Этим летом А.С. Толстая приехала на месяц погостить в деревню со своим братом Николаем Сергеевичем(троюродным братом великого писателя).

Александра была нигилисткой и любила ставить других людей в зависимость от себя. За это Андрей Дельвиг невзлюбил её. Но ещё больше молодого человека раздражали «её кошачьи манеры», с которыми она пыталась в этот приезд кокетничать со вдовцом Н.В. Левашовым.

Самому же Левашову не нравился Николай Толстой, и он боялся, что тот начнёт свататься к его Лидии. Частенько, играя с Толстым в шахматы, они с Николаем Владимировичем ссорились.
 
Николай Сергеевич, действительно, по воспоминаниям Дельвига, был вспыльчивым, плохо образованным, хотя простым и откровенным. Граф много говорил, любил рассказывать анекдоты, играть на скрипке, охотится, держал 4 медведей. Толстой ранее служил в гвардейском корпусе, который стоял в Кронштадте. Но теперь, выйдя в отставку, жил в деревне с матерью. Внешне он был весьма не дурён, носил большую бороду, которую чернил.

*

Но вдруг случилось необъяснимое. Как писал Андрей Дельвиг: «В половине октября тесть объявил мне, что он раздумал отдавать жене моей наилучшую часть своего имения и заменяет ее другой частью», успокаивая тем, что эта часть имения будет приносить столько же дохода, что и было обещано раньше.
 
С этого момента между стариком Левашовым и Дельвигами произошёл разлад в отношениях, и молодые, быстро собравшись, уехали в Москву. Перед Андреем Дельвигом снова встал вопрос трудоустройства. В ноябре 1839 года он был назначен помощником начальника работ в Москве от Ведомства путей сообщения, и занялся производством работ по водоснабжению Воспитательного дома.

А в  марте  1840 года  на причитающуюся Дельвигам долю в Макарьевских имениях  были оформлены все бумаги. По ним новым помещикам причиталось 16 тыс. десятин земли  и 1067 душ крестьян мужского пола. Но богатства это не сулило. Указанная часть имения вот уже полтора года, как была заложена Н.В. Левашовым в сохранной казне, и за полтора года скопились недоимки и проценты по ним.
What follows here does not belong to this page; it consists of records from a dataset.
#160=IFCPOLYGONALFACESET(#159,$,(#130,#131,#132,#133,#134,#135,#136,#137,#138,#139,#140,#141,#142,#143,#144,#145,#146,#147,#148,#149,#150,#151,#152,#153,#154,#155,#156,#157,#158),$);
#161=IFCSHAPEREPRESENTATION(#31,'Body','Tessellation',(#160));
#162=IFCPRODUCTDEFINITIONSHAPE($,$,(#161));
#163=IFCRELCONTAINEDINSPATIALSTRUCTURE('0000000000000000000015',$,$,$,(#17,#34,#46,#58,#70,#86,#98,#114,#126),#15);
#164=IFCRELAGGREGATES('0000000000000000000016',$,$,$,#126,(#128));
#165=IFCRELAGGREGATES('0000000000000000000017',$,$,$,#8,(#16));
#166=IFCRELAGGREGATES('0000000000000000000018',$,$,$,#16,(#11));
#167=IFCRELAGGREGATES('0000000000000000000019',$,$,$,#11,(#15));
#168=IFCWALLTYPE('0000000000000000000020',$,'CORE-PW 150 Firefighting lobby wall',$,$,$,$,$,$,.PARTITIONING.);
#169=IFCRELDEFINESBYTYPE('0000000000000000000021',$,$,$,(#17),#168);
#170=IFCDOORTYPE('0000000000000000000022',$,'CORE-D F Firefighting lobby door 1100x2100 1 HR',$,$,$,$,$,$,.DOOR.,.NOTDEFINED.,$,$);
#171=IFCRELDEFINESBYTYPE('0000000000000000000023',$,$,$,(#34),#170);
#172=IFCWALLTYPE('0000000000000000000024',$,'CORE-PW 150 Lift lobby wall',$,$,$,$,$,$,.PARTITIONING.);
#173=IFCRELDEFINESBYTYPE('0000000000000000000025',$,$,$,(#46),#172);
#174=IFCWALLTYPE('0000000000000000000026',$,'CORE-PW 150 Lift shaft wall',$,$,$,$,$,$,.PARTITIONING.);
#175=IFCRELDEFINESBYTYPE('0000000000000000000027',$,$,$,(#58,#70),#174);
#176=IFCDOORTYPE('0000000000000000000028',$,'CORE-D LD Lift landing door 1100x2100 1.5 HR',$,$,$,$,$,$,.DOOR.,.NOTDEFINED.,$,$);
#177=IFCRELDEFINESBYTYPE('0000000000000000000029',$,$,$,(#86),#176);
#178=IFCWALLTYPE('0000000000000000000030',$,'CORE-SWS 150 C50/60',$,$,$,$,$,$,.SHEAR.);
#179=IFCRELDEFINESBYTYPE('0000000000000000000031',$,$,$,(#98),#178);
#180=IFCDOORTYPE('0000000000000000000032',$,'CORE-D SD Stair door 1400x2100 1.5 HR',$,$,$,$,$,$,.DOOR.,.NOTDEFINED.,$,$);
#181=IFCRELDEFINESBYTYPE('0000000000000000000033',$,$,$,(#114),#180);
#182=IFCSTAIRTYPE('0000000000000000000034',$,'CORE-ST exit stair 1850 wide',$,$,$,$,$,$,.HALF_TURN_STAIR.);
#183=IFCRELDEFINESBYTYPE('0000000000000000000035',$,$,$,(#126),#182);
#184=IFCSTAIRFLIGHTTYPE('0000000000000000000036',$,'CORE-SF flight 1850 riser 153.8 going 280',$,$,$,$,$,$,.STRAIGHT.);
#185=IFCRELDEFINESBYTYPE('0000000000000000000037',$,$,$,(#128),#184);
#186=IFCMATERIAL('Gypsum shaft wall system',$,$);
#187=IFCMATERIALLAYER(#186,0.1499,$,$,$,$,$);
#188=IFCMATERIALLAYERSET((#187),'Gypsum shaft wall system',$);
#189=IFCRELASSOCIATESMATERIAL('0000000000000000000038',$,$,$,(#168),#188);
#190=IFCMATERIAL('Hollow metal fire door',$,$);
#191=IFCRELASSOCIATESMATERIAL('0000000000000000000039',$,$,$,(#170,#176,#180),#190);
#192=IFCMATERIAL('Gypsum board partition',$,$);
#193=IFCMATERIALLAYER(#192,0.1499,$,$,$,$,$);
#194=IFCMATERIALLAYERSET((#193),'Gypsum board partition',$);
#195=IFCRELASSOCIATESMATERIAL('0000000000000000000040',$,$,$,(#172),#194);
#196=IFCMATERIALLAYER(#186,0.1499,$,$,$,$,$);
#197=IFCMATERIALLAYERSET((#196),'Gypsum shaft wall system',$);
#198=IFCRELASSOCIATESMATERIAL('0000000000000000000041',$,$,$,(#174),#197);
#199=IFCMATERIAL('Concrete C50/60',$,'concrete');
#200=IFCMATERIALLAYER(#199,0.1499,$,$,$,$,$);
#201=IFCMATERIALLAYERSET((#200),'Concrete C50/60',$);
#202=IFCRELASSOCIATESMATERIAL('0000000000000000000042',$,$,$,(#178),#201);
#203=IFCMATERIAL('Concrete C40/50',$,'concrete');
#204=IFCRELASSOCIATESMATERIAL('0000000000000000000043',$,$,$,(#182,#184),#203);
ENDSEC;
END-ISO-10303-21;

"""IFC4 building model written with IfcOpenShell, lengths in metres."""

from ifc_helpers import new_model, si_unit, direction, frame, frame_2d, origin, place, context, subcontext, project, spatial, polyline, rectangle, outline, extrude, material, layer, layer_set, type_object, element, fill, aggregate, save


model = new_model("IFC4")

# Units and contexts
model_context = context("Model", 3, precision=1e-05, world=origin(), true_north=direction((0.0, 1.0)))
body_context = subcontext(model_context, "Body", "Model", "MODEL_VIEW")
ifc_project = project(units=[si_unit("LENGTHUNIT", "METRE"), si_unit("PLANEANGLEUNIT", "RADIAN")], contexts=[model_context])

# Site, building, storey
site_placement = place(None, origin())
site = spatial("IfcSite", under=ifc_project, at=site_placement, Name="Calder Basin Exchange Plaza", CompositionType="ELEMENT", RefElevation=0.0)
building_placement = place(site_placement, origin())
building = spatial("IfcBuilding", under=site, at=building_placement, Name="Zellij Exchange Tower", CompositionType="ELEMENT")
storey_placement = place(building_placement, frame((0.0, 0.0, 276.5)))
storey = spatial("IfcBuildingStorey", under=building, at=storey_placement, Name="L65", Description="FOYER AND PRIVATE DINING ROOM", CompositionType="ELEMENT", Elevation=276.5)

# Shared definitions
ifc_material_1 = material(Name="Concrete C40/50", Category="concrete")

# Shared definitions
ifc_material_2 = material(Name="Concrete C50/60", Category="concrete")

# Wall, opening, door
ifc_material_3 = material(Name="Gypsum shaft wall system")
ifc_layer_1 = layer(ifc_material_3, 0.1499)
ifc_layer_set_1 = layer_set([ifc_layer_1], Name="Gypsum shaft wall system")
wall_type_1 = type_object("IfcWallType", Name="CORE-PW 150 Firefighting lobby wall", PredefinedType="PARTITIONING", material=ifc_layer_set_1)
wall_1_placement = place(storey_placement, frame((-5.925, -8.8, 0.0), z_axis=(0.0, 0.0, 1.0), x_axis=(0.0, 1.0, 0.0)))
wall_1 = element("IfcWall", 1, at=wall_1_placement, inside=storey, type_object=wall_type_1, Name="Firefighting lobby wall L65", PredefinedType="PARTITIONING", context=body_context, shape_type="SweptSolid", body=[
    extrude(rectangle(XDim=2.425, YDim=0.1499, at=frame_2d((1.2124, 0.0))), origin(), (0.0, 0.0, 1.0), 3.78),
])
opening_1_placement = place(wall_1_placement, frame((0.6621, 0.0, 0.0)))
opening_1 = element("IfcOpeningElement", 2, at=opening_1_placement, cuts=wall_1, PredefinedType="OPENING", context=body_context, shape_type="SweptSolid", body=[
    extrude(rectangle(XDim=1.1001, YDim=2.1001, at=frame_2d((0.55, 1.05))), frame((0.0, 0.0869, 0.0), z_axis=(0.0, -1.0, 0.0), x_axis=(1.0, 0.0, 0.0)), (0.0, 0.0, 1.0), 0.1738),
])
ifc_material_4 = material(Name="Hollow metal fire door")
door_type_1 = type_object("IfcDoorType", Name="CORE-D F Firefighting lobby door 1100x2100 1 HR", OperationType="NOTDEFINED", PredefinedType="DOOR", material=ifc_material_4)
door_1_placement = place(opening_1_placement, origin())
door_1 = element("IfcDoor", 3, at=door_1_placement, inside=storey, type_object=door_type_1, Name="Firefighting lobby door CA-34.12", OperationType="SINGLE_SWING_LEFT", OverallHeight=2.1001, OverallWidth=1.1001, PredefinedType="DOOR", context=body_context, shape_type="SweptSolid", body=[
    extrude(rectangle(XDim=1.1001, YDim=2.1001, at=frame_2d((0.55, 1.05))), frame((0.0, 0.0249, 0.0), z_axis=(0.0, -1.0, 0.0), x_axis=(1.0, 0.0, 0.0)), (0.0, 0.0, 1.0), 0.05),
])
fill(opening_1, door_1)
Андрею Ивановичу теперь предстояло зарабатывать инженерным трудом, и отдавать долги.

*

Примечания:

(1)В настоящее время храм Казанской иконы Божией Матери находится на реставрации.

(2)Кержаками в Сибири называли всех старообрядцев.

(3)На 1 июня 2025 года численность населения села Богородское составляет 631 человек.

(4)Быт крестьян Новгородщины подробно описывали многие помещики в своих воспоминаниях, в числе которых барон А.И. Дельвиг, А.И. Герцен, граф Н.С. Толстой, декабрист И.Д. Якушкин и др.